From my experience, levelled compaction makes space reclamation after deletes even less predictable than sized-tier.
On 2012-11-08, at 1:12 PM, B. Todd Burruss <email@example.com> wrote:
> we are having the problem where we have huge SSTABLEs with tombstoned data in them that is not being compacted soon enough (because size tiered compaction requires, by default, 4 like sized SSTABLEs). this is using more disk space than we anticipated.
> we are very write heavy compared to reads, and we delete the data after N number of days (depends on the column family, but N is around 7 days)
> my question is would leveled compaction help to get rid of the tombstoned data faster than size tiered, and therefore reduce the disk space usage
The reason is that deletes, like all mutations, are just recorded into sstables. They enter level0, and get slowly, over time, promoted upwards to levelN.

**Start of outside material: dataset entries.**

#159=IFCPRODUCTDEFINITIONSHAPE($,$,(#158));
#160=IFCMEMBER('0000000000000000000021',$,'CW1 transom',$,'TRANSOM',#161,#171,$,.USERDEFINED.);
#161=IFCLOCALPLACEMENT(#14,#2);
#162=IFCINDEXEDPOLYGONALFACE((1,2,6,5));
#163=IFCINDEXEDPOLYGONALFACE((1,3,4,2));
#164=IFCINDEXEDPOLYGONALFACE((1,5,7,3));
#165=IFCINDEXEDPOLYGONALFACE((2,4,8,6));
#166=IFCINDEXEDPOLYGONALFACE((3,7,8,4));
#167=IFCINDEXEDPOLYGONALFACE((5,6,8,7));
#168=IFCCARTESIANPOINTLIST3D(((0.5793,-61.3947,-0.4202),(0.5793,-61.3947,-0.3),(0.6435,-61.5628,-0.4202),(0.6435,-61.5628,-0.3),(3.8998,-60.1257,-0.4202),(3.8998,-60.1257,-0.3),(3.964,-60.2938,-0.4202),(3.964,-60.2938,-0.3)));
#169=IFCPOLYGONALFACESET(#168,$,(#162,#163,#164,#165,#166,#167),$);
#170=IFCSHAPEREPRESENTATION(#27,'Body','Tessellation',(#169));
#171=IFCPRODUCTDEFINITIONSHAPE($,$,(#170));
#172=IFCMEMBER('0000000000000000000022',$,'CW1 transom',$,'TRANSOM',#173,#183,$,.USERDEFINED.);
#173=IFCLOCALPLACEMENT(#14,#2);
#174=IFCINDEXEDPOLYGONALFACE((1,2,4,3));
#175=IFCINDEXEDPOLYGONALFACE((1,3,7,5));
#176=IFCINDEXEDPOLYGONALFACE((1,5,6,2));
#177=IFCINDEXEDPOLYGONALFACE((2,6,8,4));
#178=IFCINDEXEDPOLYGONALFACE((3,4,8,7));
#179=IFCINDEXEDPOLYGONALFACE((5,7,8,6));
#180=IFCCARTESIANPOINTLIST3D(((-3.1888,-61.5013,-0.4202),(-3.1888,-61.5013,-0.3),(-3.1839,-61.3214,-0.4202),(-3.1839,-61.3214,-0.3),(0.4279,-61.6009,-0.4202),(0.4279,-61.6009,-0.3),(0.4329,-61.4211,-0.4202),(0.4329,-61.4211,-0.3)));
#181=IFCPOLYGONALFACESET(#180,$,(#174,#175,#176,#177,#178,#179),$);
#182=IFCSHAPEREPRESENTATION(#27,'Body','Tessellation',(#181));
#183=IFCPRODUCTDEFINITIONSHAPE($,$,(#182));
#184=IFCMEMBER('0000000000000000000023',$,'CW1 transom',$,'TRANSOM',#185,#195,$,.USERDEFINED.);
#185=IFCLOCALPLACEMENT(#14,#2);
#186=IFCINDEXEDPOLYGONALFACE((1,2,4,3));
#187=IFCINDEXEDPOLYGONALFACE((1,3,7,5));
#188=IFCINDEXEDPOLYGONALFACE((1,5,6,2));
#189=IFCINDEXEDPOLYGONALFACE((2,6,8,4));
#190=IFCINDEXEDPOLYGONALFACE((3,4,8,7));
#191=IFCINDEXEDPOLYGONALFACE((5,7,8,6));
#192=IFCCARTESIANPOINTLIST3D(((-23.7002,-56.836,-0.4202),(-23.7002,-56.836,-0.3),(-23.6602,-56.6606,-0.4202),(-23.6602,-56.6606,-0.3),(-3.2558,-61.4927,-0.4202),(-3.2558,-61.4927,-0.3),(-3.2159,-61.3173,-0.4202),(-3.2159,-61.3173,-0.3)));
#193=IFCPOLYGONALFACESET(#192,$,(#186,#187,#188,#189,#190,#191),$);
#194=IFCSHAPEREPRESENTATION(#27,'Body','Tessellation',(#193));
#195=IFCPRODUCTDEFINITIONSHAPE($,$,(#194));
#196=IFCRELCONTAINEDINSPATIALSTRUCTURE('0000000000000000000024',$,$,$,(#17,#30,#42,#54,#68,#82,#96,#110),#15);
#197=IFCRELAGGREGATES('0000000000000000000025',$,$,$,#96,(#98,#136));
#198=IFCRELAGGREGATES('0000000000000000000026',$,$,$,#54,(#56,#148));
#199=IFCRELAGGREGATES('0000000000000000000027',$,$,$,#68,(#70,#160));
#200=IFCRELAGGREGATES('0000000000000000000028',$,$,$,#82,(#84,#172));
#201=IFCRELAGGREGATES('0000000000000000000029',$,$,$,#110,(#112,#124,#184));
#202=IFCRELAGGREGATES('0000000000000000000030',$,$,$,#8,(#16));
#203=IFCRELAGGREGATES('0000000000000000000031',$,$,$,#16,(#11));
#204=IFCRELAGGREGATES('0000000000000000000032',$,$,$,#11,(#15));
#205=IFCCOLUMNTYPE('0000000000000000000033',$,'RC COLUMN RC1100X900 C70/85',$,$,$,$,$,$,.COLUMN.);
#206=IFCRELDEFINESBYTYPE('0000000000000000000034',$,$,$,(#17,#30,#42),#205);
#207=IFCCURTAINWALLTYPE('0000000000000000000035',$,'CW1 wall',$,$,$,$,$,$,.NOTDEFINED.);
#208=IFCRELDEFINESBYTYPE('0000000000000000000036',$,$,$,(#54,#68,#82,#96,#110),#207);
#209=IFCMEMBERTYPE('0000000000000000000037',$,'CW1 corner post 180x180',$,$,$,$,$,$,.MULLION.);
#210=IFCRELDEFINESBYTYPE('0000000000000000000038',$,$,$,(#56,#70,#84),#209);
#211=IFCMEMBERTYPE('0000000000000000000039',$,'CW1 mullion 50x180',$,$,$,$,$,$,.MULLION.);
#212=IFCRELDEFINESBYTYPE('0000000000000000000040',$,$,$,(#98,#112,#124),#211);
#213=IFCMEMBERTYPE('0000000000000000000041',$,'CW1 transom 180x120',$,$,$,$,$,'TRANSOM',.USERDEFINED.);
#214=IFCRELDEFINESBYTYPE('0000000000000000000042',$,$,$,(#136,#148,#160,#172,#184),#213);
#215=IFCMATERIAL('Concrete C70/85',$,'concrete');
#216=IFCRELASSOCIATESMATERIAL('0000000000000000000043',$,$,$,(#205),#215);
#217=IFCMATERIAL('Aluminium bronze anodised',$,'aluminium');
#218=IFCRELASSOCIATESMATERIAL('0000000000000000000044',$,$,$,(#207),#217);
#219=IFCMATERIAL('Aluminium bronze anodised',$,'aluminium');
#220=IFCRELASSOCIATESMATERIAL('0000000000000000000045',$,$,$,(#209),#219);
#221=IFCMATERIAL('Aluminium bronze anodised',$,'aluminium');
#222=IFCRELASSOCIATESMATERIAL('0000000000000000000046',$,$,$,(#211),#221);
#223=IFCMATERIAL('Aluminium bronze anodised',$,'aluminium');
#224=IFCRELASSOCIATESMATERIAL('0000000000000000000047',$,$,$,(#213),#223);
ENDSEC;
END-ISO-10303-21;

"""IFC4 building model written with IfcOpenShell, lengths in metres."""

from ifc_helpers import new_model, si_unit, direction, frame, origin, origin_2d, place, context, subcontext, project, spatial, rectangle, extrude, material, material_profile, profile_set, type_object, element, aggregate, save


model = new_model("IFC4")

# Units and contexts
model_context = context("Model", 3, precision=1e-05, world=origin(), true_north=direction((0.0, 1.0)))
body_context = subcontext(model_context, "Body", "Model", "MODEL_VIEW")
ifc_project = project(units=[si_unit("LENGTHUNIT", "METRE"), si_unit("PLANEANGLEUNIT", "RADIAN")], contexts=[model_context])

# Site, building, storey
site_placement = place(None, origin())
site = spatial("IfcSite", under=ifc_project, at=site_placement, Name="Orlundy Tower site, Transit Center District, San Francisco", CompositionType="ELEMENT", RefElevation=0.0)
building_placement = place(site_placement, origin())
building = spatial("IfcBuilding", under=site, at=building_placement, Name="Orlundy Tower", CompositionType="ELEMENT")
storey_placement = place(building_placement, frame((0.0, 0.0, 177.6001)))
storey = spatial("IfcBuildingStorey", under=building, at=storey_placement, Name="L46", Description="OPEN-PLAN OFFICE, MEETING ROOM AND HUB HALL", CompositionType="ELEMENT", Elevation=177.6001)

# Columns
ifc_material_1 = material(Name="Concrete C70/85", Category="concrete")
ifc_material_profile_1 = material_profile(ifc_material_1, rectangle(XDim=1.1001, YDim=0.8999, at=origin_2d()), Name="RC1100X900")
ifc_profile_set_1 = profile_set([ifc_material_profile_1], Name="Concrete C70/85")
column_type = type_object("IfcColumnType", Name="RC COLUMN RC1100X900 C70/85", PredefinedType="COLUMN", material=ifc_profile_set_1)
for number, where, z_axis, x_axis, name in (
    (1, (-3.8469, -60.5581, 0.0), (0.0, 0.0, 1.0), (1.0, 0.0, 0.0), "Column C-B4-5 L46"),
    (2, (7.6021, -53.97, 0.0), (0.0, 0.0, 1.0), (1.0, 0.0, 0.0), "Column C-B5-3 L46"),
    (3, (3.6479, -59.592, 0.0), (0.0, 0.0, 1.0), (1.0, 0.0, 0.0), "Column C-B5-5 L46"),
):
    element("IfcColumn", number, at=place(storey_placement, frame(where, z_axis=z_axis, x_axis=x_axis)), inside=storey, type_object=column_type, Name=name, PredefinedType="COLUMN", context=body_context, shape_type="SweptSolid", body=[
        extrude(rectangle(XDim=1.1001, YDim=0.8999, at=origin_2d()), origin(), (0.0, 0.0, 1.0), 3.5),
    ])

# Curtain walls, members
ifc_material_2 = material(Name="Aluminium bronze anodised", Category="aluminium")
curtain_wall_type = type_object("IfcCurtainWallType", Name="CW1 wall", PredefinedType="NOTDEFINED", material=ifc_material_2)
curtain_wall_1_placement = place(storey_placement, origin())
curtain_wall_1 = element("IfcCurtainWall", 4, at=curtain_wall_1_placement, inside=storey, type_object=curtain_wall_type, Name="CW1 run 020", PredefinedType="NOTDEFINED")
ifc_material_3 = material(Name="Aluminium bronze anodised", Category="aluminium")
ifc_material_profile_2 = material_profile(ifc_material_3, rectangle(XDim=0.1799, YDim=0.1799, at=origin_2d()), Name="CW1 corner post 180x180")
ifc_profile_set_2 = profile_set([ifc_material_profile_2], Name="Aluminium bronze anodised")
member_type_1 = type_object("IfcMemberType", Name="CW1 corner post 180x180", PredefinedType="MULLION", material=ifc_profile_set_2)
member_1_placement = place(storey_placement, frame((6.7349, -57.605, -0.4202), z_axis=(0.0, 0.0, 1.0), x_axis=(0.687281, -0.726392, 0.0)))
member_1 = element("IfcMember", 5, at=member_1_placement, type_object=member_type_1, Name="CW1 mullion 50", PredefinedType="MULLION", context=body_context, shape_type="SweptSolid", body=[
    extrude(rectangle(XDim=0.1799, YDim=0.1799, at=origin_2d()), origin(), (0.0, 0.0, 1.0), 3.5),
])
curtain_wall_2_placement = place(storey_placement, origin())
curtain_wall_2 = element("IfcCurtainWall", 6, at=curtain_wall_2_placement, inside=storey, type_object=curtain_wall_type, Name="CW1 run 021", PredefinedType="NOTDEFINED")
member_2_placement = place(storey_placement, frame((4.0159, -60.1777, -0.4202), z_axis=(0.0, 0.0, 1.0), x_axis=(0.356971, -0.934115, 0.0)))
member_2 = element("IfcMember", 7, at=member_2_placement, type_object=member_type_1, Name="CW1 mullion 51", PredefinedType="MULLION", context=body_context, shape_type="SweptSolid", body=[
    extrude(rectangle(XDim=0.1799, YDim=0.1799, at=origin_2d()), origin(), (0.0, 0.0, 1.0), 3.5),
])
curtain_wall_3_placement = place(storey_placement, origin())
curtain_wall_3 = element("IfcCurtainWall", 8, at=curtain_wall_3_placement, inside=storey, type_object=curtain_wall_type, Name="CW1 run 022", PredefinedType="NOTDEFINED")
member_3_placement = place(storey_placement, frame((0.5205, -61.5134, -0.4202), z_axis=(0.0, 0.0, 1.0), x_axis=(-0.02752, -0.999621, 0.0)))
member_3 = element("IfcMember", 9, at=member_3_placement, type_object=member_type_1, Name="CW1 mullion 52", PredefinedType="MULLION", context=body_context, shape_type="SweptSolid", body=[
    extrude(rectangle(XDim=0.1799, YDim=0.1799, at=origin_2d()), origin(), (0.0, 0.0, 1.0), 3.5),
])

Depending on your *total* mutation volume VS your data set size, this may be quite a slow process. This is made even worse if the size of the data you're deleting (say, an entire row worth several hundred kilobytes) is to-be-deleted by a small row-level tombstone. If the row is sitting in level 4, the tombstone won't impact it until enough data has pushed over all existing data in level3, level2, level1, level0
Finally, to guard against the tombstone missing any data, the tombstone itself is not candidate for removal (I believe even after gc_grace has passed) unless it's reached the highest populated level in levelled compaction. This means if you have 4 levels and issue a ton of deletes (even deletes that will never impact existing data), these tombstones are deadweight that cannot be purged until they hit level4.
For a write-heavy workload, I recommend you stick with sized-tier. You have several options at your disposal (compaction min/max thresholds, gc_grace) to move things along. If that doesn't help, I've heard of some fairly reputable people doing some fairly blasphemous things (major compactions every night).